EE380 Computer Systems Colloquium: The Case for Learned Index Structures

Topic: 
The Case for Learned Index Structures
Wednesday, October 17, 2018 - 4:30pm
Venue: 
Gates B03
Speaker: 
Alex Beutel (Google) & Ed H. Chi (Google)
Abstract / Description: 

Indexes are models: a B-Tree-Index can be seen as a model to map a key to the position of a record within a sorted array, a Hash-Index as a model to map a key to a position of a record within an unsorted array, and a BitMap-Index as a model to indicate if a data record exists or not. In this talk, we take this premise and explain how existing database index structures can be replaced with other types of models, which we term learned indexes. The key idea is that a model can learn the sort order or structure of indexed data and use this signal to effectively predict the position or existence of records. We offer theoretical analysis under which conditions learned indexes outperform traditional index structures and we will delve into the challenges in designing learned index structures. Through addressing these challenges, our initial results show that learned indexes are able to outperform cache-optimized B-Trees by up to 70% in speed while saving an order-of-magnitude in memory over several real-world data sets.

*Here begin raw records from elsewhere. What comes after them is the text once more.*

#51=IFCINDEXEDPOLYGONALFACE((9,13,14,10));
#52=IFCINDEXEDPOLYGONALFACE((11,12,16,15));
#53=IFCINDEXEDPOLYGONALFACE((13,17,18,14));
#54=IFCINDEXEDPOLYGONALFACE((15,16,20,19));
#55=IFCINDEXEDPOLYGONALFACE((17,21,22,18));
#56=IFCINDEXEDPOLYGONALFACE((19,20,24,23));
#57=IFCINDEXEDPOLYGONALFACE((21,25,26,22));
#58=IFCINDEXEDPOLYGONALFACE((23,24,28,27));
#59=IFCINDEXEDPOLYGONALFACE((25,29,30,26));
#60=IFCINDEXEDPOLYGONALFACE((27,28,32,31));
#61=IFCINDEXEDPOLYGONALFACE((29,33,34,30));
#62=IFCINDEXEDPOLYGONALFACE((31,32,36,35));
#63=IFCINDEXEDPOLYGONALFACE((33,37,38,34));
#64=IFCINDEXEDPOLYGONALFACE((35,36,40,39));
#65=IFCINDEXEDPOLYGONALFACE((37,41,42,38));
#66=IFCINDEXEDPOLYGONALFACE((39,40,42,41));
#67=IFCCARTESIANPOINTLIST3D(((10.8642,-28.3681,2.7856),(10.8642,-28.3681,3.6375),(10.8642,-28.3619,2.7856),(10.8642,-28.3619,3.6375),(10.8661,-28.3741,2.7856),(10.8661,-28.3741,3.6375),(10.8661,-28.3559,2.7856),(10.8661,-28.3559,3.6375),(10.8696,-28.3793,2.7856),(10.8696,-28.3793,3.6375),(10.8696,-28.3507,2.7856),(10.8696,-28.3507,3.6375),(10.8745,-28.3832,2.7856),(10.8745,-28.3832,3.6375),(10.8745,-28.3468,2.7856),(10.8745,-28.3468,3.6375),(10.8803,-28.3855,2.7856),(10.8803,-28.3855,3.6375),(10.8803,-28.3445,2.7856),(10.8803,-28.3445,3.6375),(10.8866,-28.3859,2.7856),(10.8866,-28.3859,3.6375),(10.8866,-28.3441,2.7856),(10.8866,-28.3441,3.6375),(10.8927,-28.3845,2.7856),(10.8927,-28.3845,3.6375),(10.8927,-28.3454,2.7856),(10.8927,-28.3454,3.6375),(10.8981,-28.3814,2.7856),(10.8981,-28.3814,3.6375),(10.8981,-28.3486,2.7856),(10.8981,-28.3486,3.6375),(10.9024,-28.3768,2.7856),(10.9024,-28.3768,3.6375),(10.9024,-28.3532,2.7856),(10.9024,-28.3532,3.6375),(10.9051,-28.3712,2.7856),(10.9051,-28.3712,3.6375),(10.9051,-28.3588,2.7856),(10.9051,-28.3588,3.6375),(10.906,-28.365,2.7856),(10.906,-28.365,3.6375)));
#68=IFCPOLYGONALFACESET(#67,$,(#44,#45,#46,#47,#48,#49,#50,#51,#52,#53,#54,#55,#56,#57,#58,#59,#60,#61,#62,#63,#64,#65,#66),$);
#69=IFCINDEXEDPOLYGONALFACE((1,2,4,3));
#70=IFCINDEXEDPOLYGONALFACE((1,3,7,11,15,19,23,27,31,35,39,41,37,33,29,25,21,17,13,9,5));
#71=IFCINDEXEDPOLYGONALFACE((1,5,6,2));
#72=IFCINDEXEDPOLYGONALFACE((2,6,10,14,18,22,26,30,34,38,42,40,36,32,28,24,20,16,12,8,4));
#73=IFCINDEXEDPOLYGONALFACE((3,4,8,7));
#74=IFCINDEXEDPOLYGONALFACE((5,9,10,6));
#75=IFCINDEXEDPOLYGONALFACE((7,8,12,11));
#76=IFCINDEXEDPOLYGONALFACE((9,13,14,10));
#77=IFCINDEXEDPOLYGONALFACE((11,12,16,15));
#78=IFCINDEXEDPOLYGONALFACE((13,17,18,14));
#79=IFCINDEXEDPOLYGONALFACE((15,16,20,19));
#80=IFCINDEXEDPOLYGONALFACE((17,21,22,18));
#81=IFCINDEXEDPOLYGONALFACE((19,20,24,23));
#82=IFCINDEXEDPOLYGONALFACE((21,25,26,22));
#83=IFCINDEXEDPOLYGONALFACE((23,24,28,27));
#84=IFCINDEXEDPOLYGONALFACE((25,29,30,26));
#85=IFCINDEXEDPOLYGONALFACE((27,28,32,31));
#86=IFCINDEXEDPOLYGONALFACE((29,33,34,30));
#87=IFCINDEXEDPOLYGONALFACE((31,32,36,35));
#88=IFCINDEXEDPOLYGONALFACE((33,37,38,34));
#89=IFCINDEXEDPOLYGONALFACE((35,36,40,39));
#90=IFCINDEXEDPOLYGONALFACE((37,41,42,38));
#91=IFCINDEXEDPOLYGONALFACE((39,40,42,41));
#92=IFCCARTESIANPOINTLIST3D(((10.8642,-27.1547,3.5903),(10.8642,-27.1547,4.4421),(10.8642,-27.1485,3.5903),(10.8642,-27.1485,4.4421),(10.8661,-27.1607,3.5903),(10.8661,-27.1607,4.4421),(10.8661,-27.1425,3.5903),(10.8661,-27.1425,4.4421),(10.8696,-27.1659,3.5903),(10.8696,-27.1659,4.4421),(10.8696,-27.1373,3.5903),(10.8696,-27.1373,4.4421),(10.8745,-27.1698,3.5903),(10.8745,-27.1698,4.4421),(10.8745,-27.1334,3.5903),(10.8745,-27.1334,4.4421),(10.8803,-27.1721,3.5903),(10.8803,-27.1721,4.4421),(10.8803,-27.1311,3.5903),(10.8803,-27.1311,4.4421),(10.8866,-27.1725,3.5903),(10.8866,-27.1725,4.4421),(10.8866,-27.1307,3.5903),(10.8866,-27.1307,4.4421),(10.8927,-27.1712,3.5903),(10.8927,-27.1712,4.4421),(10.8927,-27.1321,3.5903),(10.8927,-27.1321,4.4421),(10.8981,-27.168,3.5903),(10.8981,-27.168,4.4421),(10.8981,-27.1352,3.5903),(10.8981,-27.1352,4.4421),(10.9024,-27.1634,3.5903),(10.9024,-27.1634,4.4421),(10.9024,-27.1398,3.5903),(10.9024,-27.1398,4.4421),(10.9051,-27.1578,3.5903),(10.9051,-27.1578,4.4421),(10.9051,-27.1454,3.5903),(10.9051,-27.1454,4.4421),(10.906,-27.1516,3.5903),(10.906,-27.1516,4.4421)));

Finally, we will discuss the broader implications of learned indexes on database design and future directions for the ML for Database Systems research.


The Stanford EE Computer Systems Colloquium (EE380) meets on Wednesdays 4:30-5:45 throughout the academic year. Talks are given before a live audience in Room B03 in the basement of the Gates Computer Science Building on the Stanford Campus. The live talks (and the videos hosted at Stanford and on YouTube) are open to the public.

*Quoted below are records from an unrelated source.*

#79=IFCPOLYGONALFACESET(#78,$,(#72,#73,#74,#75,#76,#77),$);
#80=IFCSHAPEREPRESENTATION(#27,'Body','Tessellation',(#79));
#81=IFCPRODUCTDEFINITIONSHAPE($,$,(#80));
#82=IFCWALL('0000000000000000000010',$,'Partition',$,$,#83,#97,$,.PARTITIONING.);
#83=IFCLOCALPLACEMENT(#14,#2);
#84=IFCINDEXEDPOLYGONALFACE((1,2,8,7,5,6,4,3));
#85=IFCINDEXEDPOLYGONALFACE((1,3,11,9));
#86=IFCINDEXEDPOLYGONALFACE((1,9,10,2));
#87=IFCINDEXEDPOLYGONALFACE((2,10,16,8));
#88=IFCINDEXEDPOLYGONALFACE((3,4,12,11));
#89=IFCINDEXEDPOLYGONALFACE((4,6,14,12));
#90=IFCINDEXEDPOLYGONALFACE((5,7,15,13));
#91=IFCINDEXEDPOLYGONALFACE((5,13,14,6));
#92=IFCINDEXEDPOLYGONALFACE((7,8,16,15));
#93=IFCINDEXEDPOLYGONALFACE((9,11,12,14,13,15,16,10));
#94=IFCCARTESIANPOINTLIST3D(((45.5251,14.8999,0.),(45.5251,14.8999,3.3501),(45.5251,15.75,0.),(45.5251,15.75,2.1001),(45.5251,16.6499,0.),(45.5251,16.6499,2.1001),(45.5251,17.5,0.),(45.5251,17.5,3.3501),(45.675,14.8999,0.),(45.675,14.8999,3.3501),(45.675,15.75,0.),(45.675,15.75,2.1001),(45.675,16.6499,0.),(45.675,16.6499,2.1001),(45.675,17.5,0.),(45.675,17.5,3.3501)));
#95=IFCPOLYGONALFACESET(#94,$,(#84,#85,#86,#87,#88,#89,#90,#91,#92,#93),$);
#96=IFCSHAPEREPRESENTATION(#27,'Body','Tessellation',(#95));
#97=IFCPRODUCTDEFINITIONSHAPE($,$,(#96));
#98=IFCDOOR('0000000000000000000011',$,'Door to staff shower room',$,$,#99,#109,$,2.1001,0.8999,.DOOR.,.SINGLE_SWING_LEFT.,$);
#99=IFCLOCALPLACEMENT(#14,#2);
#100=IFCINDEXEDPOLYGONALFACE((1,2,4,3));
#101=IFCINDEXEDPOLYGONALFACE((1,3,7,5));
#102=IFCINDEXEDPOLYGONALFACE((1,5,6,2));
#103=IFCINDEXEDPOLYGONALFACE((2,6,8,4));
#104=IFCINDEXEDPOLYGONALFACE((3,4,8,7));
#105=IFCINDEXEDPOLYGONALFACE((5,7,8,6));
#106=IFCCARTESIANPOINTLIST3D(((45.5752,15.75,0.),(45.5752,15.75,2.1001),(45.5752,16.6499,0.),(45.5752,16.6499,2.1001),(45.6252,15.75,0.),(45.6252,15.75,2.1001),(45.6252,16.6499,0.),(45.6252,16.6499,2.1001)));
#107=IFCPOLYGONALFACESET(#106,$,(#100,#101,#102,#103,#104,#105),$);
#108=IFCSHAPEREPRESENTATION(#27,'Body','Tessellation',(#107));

Stanford students may enroll in EE380 to take the Colloquium as a one unit S/NC class. Enrolled students are required to keep and electronic notebook or journal and to write a short, pithy comment about each of the ten lectures and a short free form evaluation of the class in order to receive credit. Assignments are due at the end of the quarter, on the last day of examinations.

EE380 is a video class. Live attendance is encouraged but not required. We (the organizers) feel that watching the video is not a substitute for being present in the classroom. Questions are encouraged.

Many past EE380 talks are available on YouTube, see the EE380 Playlist.

Bio:

Alex Beutel is a Senior Research Scientist in the Google Brain team working on neural recommendation, fairness in machine learning, and ML for Systems. He received his Ph.D. in 2016 from Carnegie Mellon University's Computer Science Department, and previously received his B.S. from Duke University in computer science and physics. His Ph.D. thesis on large-scale user behavior modeling, covering recommender systems, fraud detection, and scalable machine learning, was given the SIGKDD 2017 Doctoral Dissertation Award Runner-Up. He received the Best Paper Award at KDD 2016 and ACM GIS 2010, was a finalist for best paper in KDD 2014 and ASONAM 2012, and was awarded the Facebook Fellowship in 2013 and the NSF Graduate Research Fellowship in 2011. More details can be found at http://alexbeutel.com.

Ed H. Chi is a Principal Scientist at Google, leading machine learning research focusing on neural modeling and recommendation systems in the Google Brain team. He has launched significant improvements for YouTube, Google Play Store and Google+. With 39 patents and over 110 research articles, he is known for research on user behavior in web and social media. Prior to Google, he was the Area Manager and a Principal Scientist at Palo Alto Research Center's Augmented Social Cognition Group, where he led the team in understanding how social systems help groups of people to remember, think and reason.
Ed completed his three degrees (B.S., M.S., and Ph.D.) in 6.5 years from University of Minnesota. Recognized as an ACM Distinguished Scientist and elected into the CHI Academy, he has been featured and quoted in the press, including the Economist, Time Magazine, LA Times, and the Associated Press. Recognized recently with a 20-year Test of Time award for research in information visualization, Ed is also an avid swimmer, photographer and snowboarder in his spare time, and has a blackbelt in Taekwondo.